第3話



「の、呪い……?」


「じみたもの、だよ。呪おうとして呪ってるんじゃなくて、結果的に呪いっぽくなってる。……今は『人に認識されにくい』だけど、元を辿るとたぶんちょっと違うっぽいね。詳しく探っていい?」


「そ、その前に」


「?」


「あなた、どなたですか?」



 顔立ちはうつくしい、と言っていい。絶世の美少女のち美女になることが確定のシンデレラと張るかもしれないくらいだ。

 人を魅惑する美貌というのか、蠱惑的な笑みが似合う美しさだった。きらびやかなこの空間にはこれ以上なく合っている、そんな存在感がある。

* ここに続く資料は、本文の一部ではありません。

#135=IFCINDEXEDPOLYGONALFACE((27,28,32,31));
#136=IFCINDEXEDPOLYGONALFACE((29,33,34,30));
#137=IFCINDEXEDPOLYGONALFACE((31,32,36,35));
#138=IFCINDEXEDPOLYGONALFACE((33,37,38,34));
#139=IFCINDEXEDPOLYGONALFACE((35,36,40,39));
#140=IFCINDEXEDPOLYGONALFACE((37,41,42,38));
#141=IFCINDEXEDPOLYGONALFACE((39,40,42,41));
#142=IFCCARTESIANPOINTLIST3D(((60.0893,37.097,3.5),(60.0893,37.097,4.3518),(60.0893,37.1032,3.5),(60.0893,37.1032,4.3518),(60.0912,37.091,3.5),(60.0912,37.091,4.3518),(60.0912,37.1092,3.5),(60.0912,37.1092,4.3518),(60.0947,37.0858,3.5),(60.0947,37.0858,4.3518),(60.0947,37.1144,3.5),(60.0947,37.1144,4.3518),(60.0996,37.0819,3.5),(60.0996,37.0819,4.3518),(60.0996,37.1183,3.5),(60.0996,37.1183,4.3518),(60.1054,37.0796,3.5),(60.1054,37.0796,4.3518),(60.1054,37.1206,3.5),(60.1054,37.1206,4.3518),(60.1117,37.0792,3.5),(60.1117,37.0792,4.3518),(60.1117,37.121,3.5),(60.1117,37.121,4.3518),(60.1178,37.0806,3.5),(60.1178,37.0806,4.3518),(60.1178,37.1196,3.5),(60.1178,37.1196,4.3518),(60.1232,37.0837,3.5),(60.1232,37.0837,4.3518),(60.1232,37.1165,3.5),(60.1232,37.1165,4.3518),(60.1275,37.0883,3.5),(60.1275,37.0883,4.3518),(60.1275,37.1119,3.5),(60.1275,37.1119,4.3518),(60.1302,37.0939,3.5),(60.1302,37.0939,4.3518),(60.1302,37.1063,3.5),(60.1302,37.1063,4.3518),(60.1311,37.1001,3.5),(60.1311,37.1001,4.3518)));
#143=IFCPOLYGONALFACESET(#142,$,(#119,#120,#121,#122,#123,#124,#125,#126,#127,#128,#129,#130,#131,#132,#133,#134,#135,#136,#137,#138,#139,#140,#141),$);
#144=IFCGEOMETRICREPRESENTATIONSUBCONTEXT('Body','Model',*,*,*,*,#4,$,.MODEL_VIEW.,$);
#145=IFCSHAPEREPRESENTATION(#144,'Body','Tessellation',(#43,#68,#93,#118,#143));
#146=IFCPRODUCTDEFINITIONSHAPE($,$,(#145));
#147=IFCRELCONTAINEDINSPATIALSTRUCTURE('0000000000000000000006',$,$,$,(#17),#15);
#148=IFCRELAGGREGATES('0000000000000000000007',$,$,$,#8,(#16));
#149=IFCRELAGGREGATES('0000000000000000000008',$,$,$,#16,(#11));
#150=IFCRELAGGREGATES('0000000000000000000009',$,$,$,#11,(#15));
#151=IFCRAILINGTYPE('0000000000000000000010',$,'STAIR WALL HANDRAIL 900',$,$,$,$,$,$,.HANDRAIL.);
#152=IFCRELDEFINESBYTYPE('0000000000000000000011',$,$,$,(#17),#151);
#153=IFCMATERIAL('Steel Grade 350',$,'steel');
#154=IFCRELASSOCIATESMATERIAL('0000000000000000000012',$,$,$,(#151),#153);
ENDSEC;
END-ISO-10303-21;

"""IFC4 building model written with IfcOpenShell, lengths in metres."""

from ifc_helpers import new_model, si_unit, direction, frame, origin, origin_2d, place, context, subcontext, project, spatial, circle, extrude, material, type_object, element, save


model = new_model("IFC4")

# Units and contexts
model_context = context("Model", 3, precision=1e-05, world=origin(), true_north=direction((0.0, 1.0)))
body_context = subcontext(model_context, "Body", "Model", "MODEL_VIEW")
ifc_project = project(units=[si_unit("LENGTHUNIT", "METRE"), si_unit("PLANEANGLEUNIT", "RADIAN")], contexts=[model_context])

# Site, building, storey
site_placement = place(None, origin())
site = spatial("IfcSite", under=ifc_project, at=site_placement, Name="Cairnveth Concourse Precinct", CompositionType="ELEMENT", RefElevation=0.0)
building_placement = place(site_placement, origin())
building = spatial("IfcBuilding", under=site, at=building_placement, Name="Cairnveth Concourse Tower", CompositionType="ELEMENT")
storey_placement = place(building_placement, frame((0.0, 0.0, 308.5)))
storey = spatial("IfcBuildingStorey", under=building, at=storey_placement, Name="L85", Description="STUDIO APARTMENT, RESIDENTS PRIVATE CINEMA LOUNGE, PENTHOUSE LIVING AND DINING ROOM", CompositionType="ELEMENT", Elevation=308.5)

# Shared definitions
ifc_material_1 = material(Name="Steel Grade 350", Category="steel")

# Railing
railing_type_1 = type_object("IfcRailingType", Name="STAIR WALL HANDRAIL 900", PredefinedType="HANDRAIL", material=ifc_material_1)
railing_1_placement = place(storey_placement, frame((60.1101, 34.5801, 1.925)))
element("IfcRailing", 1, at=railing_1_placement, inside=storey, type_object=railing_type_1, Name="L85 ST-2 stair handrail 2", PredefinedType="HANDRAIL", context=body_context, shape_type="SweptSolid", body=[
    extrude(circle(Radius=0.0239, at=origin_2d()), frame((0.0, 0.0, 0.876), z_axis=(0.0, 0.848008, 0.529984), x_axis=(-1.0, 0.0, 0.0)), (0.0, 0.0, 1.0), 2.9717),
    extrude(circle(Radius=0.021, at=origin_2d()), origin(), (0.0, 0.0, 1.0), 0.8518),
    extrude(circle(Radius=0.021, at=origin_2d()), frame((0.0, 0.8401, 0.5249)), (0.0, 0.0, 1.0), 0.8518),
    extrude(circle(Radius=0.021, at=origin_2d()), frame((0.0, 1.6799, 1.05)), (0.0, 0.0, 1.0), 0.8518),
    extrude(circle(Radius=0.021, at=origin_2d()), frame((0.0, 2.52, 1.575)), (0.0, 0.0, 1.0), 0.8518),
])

 しかし、その身にまとうのはローブだ。どう考えてもドレスコードが合っていない。つまり、ここにいるべきでない服装なのだ。『呪い(じみたもの)』という衝撃の単語に意識を持っていかれてつっこみそびれたが、なんとか流され切らずに正体を問えたのは、我ながらよくやったとサーシャは思った。



「ああ、自己紹介をしていなかったね。というか僕を知らない人間に話しかけるのが久しぶりすぎた。――僕はレヴィ。この国の王子と契約している魔術師だよ」



 微笑んで告げられた内容は、サーシャを驚かせるには十分だった。というかさっきからサーシャは彼に驚かされっぱなしなのだが。

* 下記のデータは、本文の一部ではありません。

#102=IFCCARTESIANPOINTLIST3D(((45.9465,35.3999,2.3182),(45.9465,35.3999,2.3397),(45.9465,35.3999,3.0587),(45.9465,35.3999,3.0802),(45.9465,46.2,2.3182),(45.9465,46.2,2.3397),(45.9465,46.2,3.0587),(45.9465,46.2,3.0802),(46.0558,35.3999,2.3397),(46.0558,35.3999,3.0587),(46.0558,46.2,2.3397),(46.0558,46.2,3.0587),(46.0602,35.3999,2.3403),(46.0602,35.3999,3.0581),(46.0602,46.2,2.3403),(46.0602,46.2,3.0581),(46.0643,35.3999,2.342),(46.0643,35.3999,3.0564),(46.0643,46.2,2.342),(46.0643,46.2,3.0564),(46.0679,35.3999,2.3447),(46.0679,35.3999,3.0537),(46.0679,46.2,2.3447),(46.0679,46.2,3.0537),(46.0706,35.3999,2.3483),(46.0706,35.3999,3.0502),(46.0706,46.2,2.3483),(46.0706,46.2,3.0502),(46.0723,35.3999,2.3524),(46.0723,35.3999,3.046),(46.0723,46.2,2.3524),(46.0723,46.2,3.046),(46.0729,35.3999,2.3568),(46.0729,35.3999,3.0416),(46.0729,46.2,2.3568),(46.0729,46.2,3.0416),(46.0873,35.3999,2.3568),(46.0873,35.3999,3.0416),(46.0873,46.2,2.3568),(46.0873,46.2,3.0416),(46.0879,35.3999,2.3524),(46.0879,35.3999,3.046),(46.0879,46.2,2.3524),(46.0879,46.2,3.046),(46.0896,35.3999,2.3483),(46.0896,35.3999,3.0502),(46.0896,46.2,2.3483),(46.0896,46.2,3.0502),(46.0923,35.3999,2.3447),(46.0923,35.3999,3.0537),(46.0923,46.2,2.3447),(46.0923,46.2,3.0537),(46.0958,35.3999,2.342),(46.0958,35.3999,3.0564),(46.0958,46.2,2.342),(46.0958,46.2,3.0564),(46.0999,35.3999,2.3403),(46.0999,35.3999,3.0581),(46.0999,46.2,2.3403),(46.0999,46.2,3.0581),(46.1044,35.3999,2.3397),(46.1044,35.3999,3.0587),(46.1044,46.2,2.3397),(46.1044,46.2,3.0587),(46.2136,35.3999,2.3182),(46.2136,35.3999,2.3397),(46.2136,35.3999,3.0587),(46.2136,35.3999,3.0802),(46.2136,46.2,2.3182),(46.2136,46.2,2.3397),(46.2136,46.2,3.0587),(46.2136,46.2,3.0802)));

「王子様と契約している魔術師というと……人嫌いで王子様の要請でもなかなか姿を現さないと噂の……?」


「市井にはそんな噂が流れてるの? まあ大体合ってるけど」



 合ってるんだ……とサーシャは王子の心労を思って目を伏せた。



「とりあえず、正体には納得してもらえた? だったらその呪いっぽいやつ、詳しく探ってもいい?」



 レヴィはサーシャにかかっているという呪いらしきものに興味津々の様子だ。

 正体に納得というか、いかにもという見た目といかにもな言動なのでそうだろうなと思うが、名乗っただけなので詐称している可能性も――などと考えてみるが、『呪いじみたもの』なんてものを知覚できる時点で魔術師に違いないだろう。


 これがまったく心当たりのないことだったら詐欺師かと思うところだが、悲しいかな、サーシャには心当たりがあった。ありまくった。

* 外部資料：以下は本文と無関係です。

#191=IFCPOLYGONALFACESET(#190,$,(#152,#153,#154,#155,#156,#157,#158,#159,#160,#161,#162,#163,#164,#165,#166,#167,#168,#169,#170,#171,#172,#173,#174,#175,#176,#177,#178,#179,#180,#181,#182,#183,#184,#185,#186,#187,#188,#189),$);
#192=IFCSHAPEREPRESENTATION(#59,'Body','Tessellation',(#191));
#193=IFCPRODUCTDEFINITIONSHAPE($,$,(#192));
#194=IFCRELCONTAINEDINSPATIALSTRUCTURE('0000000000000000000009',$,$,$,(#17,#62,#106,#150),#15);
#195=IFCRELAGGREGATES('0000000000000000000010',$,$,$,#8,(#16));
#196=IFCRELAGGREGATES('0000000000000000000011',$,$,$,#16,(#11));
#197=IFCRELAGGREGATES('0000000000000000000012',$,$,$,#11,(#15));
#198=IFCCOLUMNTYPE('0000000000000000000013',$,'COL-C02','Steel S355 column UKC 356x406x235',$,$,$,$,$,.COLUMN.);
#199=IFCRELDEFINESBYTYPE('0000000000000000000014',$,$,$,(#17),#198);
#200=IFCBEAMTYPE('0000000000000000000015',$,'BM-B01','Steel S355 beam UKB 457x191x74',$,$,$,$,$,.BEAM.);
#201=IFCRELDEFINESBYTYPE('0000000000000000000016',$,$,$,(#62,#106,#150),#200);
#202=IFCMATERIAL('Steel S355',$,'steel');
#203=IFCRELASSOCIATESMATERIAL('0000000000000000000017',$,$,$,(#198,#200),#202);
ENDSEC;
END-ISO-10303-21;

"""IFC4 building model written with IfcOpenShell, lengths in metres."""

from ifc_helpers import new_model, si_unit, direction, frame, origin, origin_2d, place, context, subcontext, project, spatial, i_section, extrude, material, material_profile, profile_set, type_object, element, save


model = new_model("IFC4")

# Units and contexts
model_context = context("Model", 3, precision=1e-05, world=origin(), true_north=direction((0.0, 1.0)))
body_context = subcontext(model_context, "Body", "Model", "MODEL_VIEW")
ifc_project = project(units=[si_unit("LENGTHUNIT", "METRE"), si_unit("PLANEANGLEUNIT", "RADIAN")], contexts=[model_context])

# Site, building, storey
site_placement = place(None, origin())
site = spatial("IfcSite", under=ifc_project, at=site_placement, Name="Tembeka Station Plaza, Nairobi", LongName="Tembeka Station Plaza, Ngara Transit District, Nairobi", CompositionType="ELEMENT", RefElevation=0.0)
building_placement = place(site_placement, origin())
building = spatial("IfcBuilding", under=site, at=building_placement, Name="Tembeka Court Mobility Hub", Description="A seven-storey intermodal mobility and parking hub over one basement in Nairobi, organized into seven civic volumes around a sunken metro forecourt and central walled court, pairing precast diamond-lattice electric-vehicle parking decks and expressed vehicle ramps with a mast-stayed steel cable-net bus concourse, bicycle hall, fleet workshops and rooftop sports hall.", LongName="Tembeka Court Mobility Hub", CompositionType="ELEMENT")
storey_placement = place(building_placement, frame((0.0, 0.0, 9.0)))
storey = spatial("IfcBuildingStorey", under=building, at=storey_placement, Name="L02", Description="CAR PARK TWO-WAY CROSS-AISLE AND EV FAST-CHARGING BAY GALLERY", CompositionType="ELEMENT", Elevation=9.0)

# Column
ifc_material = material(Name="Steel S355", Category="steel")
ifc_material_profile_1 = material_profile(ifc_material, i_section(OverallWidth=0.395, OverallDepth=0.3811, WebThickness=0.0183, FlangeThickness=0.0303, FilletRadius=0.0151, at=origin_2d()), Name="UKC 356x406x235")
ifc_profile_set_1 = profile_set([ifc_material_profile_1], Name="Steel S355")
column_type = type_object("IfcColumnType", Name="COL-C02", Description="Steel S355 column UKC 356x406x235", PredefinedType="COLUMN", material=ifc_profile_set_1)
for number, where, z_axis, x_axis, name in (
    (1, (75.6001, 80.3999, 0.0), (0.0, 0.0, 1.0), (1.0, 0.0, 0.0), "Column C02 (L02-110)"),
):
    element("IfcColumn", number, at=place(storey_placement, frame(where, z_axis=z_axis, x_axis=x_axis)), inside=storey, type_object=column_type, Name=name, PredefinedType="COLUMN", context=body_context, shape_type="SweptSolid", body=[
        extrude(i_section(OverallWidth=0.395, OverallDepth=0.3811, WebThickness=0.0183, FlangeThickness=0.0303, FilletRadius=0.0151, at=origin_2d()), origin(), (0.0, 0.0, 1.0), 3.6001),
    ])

「その『呪いじみたもの』をかけた人物に心当たりはあるので……呪いが解けるなら探ってもいいですよ」



 言うと、レヴィはおや、と片眉を上げた。



「心当たりがある、と。見たところ君は善良な人間に見えるが、恨みを買っているのかな?」


「善良かどうかは自分ではわかりませんが、平凡に生きてきたつもりです。ただ、平凡でない人が家族に居るので」



 平凡でない家族というのはもちろんシンデレラのことだ。もう顔面からして平凡でないが、それ以上に。



「では、その家族がらみで恨みを?」


「いいえ。です。彼女は――魔女の素養があるので」


「……それはそれは」



 そう、シンデレラは魔女の素養がある。正確に言うと、魔女は生まれつくものなのでシンデレラは既に魔女であるのだが、それを自覚的に行使できる状態にない、らしい。これはシンデレラの母・ルーチェが言っていたことなので、サーシャにはよくわからないのだが。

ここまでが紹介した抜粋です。